Note the numbers (again) for Fairfax and Montgomery County. If Superintendent Josh Starr is an “equity warrior,” what does that make the folks across the river?

The big story here, though, is Prince George’s County and its shockingly low spending for its fifty (!) high-poverty elementary schools. The averages are bad enough—spending that is almost 30 percent lower than for DCPS high-poverty schools and almost a quarter less than Montgomery County spends on similar schools. But looking at specific schools makes the picture even more devastating.

Consider District Heights Elementary, which spends just $7,981 per student, although 77 percent of its pupils qualify for subsidized lunches. Compare that to Moten Elementary in the District, which spends $14,723 for each of its students (76 percent eligible for a free or reduced price lunch)—or almost twice as much. The schools are less than seven miles apart.

Therefore, if a low-income mom moves from the District of Columbia to Prince George’s County, and her child attends high-poverty public schools in both locales, her child’s new school will have dramatically lower-paid (and/or less experienced) teachers, fewer special programs, fewer specialists, larger class sizes, or all of the above.

It’s hard not to conclude that Washington’s rapid gentrification—which is pushing many needy families from the District to Prince George’s County—is leading to a very inequitable outcome, at least in terms of school spending.

As Marguerite Roza has argued for years, school systems ought to live their values.
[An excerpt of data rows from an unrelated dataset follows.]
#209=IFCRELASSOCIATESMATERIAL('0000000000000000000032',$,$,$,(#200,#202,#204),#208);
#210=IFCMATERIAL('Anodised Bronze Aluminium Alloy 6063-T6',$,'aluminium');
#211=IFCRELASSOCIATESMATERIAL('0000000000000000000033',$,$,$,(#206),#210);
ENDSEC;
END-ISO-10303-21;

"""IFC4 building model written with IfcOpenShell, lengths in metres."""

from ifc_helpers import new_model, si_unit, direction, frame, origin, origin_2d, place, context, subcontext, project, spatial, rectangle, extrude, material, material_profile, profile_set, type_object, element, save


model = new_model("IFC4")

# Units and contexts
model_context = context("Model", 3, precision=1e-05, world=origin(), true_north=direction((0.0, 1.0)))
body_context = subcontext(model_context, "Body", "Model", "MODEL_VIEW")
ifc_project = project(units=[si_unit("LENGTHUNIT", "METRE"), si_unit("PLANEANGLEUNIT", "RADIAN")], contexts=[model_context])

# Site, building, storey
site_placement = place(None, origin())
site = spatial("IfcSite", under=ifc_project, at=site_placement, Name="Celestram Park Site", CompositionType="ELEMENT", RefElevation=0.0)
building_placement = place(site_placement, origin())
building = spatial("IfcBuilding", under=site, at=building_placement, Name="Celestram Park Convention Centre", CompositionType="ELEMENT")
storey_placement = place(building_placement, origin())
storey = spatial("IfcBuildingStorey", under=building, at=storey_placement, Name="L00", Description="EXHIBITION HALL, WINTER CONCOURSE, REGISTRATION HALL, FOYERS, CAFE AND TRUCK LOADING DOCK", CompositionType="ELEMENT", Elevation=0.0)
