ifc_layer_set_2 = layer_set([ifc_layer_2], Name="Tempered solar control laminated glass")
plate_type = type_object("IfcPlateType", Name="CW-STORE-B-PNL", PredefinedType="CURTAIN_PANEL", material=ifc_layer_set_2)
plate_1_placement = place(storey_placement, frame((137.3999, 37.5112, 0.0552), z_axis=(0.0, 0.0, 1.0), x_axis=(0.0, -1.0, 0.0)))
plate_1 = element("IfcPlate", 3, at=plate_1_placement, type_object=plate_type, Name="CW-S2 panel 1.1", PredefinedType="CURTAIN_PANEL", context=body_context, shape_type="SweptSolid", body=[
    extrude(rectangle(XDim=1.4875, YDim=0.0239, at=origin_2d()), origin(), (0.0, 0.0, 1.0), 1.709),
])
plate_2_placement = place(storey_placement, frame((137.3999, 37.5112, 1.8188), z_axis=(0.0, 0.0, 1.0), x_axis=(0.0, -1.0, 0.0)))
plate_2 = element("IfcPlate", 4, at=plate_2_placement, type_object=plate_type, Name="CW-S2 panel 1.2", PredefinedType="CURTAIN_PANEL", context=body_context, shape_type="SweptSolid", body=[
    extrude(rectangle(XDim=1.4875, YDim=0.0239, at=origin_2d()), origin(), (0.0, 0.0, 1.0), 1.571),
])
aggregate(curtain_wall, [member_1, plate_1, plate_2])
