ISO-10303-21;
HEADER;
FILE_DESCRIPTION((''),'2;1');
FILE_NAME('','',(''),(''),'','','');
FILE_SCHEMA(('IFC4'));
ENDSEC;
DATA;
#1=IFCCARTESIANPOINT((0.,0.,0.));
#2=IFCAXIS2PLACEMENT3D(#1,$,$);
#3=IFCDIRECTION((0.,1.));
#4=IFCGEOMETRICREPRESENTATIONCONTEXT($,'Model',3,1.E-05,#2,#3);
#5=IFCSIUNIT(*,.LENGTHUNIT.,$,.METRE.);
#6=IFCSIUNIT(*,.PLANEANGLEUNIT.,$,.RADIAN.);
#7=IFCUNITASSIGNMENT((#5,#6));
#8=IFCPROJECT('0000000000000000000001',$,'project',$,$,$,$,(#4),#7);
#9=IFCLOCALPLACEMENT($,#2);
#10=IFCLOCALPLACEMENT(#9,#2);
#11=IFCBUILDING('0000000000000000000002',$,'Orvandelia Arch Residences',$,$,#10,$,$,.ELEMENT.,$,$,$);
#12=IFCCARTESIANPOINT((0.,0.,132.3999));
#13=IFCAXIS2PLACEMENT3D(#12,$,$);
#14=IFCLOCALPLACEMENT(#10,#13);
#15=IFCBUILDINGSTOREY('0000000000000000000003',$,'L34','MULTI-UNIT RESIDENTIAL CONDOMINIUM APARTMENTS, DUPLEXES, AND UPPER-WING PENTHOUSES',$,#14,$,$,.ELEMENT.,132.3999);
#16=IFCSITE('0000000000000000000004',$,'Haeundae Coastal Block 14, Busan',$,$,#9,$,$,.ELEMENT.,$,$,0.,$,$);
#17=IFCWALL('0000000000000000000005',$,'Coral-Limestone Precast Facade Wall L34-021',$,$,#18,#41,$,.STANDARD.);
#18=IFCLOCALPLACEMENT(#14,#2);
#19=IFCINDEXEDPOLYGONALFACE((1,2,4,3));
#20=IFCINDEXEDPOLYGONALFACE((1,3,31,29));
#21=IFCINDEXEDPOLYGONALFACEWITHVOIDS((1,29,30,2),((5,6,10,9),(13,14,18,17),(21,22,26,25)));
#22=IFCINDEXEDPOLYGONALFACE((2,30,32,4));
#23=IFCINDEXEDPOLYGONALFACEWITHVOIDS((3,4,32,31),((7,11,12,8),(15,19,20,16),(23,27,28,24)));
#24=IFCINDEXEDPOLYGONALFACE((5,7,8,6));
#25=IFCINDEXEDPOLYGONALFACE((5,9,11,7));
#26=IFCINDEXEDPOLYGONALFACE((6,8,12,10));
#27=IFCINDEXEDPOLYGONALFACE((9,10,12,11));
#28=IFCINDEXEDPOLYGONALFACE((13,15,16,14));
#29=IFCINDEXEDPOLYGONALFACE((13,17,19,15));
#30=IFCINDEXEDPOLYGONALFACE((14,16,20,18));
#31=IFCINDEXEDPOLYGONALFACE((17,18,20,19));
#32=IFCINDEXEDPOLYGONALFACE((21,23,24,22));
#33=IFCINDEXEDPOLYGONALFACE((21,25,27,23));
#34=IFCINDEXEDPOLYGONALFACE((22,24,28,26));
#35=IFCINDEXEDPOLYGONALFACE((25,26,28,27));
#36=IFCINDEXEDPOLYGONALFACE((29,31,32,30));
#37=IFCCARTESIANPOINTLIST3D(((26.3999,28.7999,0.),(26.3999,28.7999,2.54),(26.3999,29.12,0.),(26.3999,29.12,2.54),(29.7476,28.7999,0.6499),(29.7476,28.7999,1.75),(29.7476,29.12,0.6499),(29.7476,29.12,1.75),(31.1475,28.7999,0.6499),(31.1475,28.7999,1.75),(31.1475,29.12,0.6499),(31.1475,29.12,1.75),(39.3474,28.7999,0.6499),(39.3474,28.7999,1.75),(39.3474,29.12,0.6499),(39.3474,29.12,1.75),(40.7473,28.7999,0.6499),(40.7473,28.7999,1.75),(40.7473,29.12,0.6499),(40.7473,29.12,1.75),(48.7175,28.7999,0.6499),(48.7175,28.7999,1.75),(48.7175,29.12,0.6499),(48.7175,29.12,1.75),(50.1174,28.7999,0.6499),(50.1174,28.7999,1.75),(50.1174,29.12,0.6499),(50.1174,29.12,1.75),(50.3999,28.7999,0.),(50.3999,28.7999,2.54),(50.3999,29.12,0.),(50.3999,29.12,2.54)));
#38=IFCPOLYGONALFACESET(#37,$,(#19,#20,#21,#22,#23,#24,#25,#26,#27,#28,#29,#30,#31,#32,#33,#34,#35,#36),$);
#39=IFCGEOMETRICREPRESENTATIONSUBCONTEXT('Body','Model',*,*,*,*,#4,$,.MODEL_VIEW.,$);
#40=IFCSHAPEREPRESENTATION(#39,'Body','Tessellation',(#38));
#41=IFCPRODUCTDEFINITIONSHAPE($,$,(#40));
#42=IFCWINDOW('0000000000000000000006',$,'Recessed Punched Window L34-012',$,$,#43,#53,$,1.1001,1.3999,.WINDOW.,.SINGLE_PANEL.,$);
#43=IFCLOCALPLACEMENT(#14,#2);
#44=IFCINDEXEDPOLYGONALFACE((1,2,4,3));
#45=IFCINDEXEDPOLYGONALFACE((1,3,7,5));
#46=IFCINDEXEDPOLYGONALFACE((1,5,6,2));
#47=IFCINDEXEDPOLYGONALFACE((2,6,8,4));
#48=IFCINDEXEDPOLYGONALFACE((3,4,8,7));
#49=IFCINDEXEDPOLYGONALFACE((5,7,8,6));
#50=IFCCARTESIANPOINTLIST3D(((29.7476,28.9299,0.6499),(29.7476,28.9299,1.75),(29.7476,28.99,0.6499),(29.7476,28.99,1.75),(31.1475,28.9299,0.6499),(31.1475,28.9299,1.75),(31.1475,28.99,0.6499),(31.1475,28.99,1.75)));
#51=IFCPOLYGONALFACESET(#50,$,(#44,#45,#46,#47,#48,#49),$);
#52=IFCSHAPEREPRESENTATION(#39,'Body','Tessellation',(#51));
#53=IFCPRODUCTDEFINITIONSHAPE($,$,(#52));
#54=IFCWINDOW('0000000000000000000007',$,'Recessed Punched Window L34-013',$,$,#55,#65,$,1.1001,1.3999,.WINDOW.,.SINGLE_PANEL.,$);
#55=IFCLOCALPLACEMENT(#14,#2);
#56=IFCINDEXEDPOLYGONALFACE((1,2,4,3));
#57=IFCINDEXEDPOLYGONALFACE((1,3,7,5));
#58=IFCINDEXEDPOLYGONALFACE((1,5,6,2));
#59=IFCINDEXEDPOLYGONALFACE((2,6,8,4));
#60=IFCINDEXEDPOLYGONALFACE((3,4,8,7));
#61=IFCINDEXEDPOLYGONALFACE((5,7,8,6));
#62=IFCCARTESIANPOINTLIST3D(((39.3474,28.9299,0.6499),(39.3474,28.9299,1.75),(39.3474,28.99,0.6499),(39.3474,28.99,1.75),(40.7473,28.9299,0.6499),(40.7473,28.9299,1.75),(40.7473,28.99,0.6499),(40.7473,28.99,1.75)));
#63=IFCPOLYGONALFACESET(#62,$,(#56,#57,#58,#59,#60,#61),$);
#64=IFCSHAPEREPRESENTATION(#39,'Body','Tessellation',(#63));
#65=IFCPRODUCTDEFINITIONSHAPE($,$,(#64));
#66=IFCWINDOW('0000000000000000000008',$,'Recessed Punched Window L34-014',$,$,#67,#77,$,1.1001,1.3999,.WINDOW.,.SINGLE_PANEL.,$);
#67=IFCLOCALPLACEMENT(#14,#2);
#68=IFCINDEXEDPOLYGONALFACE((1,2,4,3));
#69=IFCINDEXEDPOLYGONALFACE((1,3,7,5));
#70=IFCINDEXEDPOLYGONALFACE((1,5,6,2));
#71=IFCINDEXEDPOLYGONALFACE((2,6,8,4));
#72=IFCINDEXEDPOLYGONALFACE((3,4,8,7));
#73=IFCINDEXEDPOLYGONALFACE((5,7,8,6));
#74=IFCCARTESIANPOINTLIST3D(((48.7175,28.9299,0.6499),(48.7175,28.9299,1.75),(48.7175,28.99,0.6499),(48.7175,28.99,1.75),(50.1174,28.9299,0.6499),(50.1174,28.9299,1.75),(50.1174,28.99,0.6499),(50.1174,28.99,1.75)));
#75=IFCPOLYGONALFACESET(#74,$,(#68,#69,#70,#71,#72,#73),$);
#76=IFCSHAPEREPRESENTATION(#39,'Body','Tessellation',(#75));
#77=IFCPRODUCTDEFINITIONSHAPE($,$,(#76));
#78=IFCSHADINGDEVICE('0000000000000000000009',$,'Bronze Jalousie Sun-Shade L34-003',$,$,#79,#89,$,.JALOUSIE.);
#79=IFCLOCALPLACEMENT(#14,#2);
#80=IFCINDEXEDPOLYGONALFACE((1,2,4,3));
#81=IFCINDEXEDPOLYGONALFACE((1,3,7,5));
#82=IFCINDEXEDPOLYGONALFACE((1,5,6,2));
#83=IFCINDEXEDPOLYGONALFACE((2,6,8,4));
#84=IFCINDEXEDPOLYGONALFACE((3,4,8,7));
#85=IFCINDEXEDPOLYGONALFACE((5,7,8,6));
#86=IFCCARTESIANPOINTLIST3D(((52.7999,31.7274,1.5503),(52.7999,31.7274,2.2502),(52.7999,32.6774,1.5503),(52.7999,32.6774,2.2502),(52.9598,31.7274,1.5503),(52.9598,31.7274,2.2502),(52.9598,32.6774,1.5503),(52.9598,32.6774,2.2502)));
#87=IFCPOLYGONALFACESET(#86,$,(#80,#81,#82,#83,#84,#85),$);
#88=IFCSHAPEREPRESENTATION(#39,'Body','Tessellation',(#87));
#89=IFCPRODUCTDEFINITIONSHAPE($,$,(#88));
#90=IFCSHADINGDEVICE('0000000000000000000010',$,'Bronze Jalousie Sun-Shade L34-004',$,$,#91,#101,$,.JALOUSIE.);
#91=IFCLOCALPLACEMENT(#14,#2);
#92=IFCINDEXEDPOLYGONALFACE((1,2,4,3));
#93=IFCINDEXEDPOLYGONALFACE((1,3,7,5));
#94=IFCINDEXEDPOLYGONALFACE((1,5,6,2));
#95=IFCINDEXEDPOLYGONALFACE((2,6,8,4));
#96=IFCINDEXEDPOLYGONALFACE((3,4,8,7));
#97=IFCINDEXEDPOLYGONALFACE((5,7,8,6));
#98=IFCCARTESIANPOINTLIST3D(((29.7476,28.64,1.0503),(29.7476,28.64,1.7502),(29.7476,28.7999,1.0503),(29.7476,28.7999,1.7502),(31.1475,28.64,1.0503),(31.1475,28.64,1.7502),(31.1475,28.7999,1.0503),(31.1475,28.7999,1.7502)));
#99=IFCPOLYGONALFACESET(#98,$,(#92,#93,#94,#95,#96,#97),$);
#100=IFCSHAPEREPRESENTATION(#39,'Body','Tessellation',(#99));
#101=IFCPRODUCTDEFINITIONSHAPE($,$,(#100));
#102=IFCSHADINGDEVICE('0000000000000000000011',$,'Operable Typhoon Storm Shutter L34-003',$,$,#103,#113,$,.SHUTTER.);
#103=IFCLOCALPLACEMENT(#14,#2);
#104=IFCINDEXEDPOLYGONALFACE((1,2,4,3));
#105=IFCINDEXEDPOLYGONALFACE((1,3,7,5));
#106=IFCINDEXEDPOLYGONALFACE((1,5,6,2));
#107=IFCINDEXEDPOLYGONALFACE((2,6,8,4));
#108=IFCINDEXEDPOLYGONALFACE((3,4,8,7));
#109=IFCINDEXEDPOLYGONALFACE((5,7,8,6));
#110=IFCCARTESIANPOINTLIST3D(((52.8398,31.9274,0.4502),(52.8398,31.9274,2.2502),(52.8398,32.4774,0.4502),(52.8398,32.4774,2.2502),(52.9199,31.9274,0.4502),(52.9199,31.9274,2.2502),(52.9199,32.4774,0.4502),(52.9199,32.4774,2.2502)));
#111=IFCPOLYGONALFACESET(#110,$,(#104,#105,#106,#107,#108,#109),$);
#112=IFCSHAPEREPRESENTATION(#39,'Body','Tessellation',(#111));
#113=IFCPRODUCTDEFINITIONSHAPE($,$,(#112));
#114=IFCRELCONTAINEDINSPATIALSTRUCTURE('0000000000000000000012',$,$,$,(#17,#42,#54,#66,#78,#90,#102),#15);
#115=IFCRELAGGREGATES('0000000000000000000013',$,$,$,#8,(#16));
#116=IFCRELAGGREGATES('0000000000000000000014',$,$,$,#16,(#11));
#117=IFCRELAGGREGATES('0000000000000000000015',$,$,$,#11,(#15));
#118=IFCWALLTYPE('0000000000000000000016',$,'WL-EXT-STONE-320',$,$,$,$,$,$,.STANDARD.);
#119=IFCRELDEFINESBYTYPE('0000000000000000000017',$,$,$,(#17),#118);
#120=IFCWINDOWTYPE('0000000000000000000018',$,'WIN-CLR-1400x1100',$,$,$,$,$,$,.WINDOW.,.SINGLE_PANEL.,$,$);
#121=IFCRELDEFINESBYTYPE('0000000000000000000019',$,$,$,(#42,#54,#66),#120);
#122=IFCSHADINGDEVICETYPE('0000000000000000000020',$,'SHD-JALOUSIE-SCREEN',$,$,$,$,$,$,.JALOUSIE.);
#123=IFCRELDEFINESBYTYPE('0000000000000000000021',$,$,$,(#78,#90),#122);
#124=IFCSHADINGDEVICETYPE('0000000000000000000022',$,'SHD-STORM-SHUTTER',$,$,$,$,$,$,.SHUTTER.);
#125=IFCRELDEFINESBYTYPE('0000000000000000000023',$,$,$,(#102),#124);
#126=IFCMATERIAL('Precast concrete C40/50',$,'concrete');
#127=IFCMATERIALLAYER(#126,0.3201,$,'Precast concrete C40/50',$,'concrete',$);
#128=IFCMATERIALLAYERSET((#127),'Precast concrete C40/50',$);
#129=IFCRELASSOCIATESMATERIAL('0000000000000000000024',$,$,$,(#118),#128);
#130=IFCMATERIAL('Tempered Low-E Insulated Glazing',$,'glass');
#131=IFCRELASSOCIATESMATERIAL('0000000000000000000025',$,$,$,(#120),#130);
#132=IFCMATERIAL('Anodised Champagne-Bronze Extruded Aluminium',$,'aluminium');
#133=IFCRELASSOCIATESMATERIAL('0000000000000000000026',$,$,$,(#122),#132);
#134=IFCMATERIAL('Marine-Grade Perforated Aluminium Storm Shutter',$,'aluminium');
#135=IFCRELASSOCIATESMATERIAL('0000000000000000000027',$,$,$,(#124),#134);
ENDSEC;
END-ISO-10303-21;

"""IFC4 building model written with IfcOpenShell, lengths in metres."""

from ifc_helpers import new_model, si_unit, direction, frame, frame_2d, origin, origin_2d, place, context, subcontext, project, spatial, rectangle, extrude, material, layer, layer_set, type_object, element, fill, save


model = new_model("IFC4")

# Units and contexts
model_context = context("Model", 3, precision=1e-05, world=origin(), true_north=direction((0.0, 1.0)))
body_context = subcontext(model_context, "Body", "Model", "MODEL_VIEW")
ifc_project = project(units=[si_unit("LENGTHUNIT", "METRE"), si_unit("PLANEANGLEUNIT", "RADIAN")], contexts=[model_context])

# Site, building, storey
site_placement = place(None, origin())
site = spatial("IfcSite", under=ifc_project, at=site_placement, Name="Haeundae Coastal Block 14, Busan", CompositionType="ELEMENT", RefElevation=0.0)
building_placement = place(site_placement, origin())
building = spatial("IfcBuilding", under=site, at=building_placement, Name="Orvandelia Arch Residences", CompositionType="ELEMENT")
storey_placement = place(building_placement, frame((0.0, 0.0, 132.3999)))
storey = spatial("IfcBuildingStorey", under=building, at=storey_placement, Name="L34", Description="MULTI-UNIT RESIDENTIAL CONDOMINIUM APARTMENTS, DUPLEXES, AND UPPER-WING PENTHOUSES", CompositionType="ELEMENT", Elevation=132.3999)

# Shared definitions
ifc_material_1 = material(Name="Precast concrete C40/50", Category="concrete")
ifc_layer_1 = layer(ifc_material_1, 0.3201, Name="Precast concrete C40/50", Category="concrete")
ifc_layer_set_1 = layer_set([ifc_layer_1], Name="Precast concrete C40/50")
wall_type_1 = type_object("IfcWallType", Name="WL-EXT-STONE-320", PredefinedType="STANDARD", material=ifc_layer_set_1)

# Wall, openings, windows
wall_1_placement = place(storey_placement, frame((50.3999, 28.96, 0.0), z_axis=(0.0, 0.0, 1.0), x_axis=(-1.0, 0.0, 0.0)))
wall_1 = element("IfcWall", 1, at=wall_1_placement, inside=storey, type_object=wall_type_1, Name="Coral-Limestone Precast Facade Wall L34-021", PredefinedType="STANDARD", context=body_context, shape_type="SweptSolid", body=[
    extrude(rectangle(XDim=24.0, YDim=0.3201, at=frame_2d((12.0, 0.0))), origin(), (0.0, 0.0, 1.0), 2.54),
])
opening_1_placement = place(wall_1_placement, frame((19.2524, 0.0, 0.6499)))
opening_1 = element("IfcOpeningElement", 2, at=opening_1_placement, cuts=wall_1, PredefinedType="OPENING", context=body_context, shape_type="SweptSolid", body=[
    extrude(rectangle(XDim=1.3999, YDim=1.1001, at=frame_2d((0.7, 0.55))), frame((0.0, 0.1699, 0.0), z_axis=(0.0, -1.0, 0.0), x_axis=(1.0, 0.0, 0.0)), (0.0, 0.0, 1.0), 0.3401),
])
opening_2_placement = place(wall_1_placement, frame((9.6526, 0.0, 0.6499)))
If doubling-down on the education of poor children is something these systems (and their residents) support, they need at least to know whether their dollars are reaching the neediest children. Now we know that some of the Washington-area school districts could be doing a whole lot more for their low-income students. And the state of Maryland almost certainly could and should be doing more for Prince George’s County. Who will act to fix these problems?

Methodology

To find out how we estimated the per-pupil spending of each school in the Washington, D.C. area, see the methodology section of our D.C. Metro Area School Spending Explorer website; once we had those numbers, the next challenge was to understand the relationship between schools’ poverty rates and their spending. The first step was to estimate the “floor” of per-pupil expenditures (PPE) for each district, and then figure out how much extra they spend on low-income students. Elementary, middle, and high schools tend to have dissimilar spending patterns, so we only included elementary schools when calculating estimates. (There are lots more elementary schools than middle or high schools.)

To make our estimates for each district, we regressed school-level PPE against the percentage of students eligible for free or reduced price lunch (FRPL). The spending floor was derived from the result’s constant coefficient. The extra dollars allocated to low-income students were set equal to the FRPL coefficient. (More simply, we scatter-plotted FRPL (x-axis) and PPE (y-axis) for each district. We then calculated the lines of best fit: the y-intercept is the spending floor and the slope is extra spending.)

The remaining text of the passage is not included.